I agree that design weights can not be applied in case of non-response. Well, you can, but better results can be gained by applying the so called non-response corrections on weights. This is a usual practice. However, those corrected weights cannot be called design weights, as they are derived taking into account extra information which is more than sampling design is providing.

cimentadaj commented 5 years ago

Everyone, these are some very interesting comments. I'm very happy that we're discussing this as I told @BernStZi (and @djhurio at the beginning of this thread), the idea is that when we get these SDDF files ready, the next step is to explore developing a package to analyze the ESS data. Essentially, this is compiling all survey design information for each round/country and build some API so that the essurvey can download SDDF, merge it and create an automatic survey object based on the survey information we have for that round/country.

Keep it up and let's see if we can finish up the SDDF function soon.

briatte commented 5 years ago

@BernStZi -- Thank you very much for your detailed answer, which is extremely useful since, as you note, this information is not easily deducible from the ESS documentation:

I still have summaries of the sampling designs for ESS Round 1 - 7 that hold the necessary information to specify svydesign objects with regard to sampling stages, stratification, sampling domains, etc.. Maybe the ESS can even publish these summaries, which were complied from the Sampling Sign-off Forms back to Round 1.

I think we can suggest that to the ESS team when we email with the list of things that we want to tell them, based on our discussion (weird differences between design weights and SDDF files in Israel Round 1, France Round 1 and UK Rounds 2-3, missing prob in UK Round 4).

@cimentadaj -- The information that shows up in this discussion could be summarised in many ways:

P.S. I've reported the issue identified by @djhurio in an earlier comment -- it's a ReadStat issue, so I reported it there. I also posted it on the haven repo for reference. See cross-refs below.

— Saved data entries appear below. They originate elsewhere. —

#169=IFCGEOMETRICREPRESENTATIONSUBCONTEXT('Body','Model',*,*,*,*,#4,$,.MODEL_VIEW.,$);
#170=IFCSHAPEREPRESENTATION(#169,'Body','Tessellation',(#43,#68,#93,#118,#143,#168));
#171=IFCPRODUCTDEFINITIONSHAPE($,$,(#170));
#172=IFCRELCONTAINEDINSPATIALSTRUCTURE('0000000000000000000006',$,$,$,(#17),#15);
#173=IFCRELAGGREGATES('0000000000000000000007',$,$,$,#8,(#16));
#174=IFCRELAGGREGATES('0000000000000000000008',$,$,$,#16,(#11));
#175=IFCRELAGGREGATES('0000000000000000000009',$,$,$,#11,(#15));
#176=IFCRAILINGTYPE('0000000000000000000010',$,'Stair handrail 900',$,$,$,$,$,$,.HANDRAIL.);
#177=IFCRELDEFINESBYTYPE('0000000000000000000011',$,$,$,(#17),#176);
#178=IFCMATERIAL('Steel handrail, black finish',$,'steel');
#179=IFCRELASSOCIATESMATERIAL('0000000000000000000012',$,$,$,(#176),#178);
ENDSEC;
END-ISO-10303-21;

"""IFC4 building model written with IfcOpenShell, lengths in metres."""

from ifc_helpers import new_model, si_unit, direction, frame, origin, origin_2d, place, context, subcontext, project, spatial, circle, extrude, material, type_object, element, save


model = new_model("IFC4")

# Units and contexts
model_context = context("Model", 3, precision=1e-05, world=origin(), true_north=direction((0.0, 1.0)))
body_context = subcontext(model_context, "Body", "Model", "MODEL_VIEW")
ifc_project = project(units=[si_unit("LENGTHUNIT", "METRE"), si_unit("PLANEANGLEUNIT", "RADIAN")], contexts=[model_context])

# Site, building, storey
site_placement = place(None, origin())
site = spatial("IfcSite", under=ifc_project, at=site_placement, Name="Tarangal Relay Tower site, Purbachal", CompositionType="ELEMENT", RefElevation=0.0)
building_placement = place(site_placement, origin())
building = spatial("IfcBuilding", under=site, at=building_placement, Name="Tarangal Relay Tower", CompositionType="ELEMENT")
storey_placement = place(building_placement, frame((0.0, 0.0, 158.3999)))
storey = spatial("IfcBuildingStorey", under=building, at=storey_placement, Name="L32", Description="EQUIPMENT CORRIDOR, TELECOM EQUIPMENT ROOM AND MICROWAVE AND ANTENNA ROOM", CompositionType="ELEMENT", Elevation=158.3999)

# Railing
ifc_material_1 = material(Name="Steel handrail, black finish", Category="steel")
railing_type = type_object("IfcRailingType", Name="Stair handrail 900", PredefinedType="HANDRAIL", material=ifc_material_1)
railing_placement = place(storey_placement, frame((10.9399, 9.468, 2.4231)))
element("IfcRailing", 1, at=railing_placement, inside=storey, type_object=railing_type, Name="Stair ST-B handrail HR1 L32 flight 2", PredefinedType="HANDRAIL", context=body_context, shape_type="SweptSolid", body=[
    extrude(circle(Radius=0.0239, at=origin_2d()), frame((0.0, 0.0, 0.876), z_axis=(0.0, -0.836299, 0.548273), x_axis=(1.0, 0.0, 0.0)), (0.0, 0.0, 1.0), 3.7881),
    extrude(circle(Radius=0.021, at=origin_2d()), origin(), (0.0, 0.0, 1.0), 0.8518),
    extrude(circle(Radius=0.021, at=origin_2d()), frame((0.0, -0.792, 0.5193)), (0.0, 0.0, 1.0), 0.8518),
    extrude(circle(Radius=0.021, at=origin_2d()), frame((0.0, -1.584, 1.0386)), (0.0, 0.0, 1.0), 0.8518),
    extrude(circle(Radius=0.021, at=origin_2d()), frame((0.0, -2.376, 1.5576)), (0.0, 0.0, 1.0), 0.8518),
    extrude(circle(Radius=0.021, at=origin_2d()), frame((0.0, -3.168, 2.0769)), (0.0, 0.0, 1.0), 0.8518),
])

briatte commented 5 years ago

I'm happy to report that the issue in ReadStat reported above is now fixed in the dev branch, which means that the next version of ReadStat/haven should solve the problem.

Thanks a lot to @evanmiller.

cimentadaj commented 5 years ago

Awesome, thanks @briatte! I will be busy until the end of June, I'll get back to this then. So just to organize ourselves here's the TODO list I've summarized (keep adding if I forgot anything):

When that's done, then we could potentially read all SDDF files from rounds 1:6. Additionally:

I think also we could harmonize the SDDF data to lower case in column names because this differs between country/rounds.

briatte commented 5 years ago

I've just submitted a PR that does nothing else than falling back onto foreign when haven fails to read a file. I have not updated the package documentation, but the code will issue warning to the user if that happens.

I've tested the code on all SDDF files currently available, using the loop below: everything gets read correctly. The only problematic files are France 1, 2 and 3.

library(essurvey) # remotes::install_github('briatte/essurvey')
dir.create("ess-sddf", showWarnings = FALSE)

for (i in show_countries()) {
  for (j in show_sddf_rounds(i)) {
    cat(i, j, "\n")
    f <- paste0("ess-sddf/", i, j, ".rds")
    if (!file.exists(f)) {
      x <- import_sddf_country(i, j, format = "spss")
      readr::write_rds(x, f)
    }
  }
}
cimentadaj commented 5 years ago

Hi everyone, I merged the changes introduced by @briatte on having a fall-back mechanism for reading ESS data with foreign. This means that we can read any SDDF data from rounds 1:6. This is a great addition! Thanks @briatte. I will try to push forward reading rounds 7:8 so that we can finish this in the next month or so. Feel free to test the new work by installing the latest essurvey with devtools::install_github("ropensci/essurvey") and downloading your SDDF data with essurvey::import_sddf_country. Let us know of any problems you might find.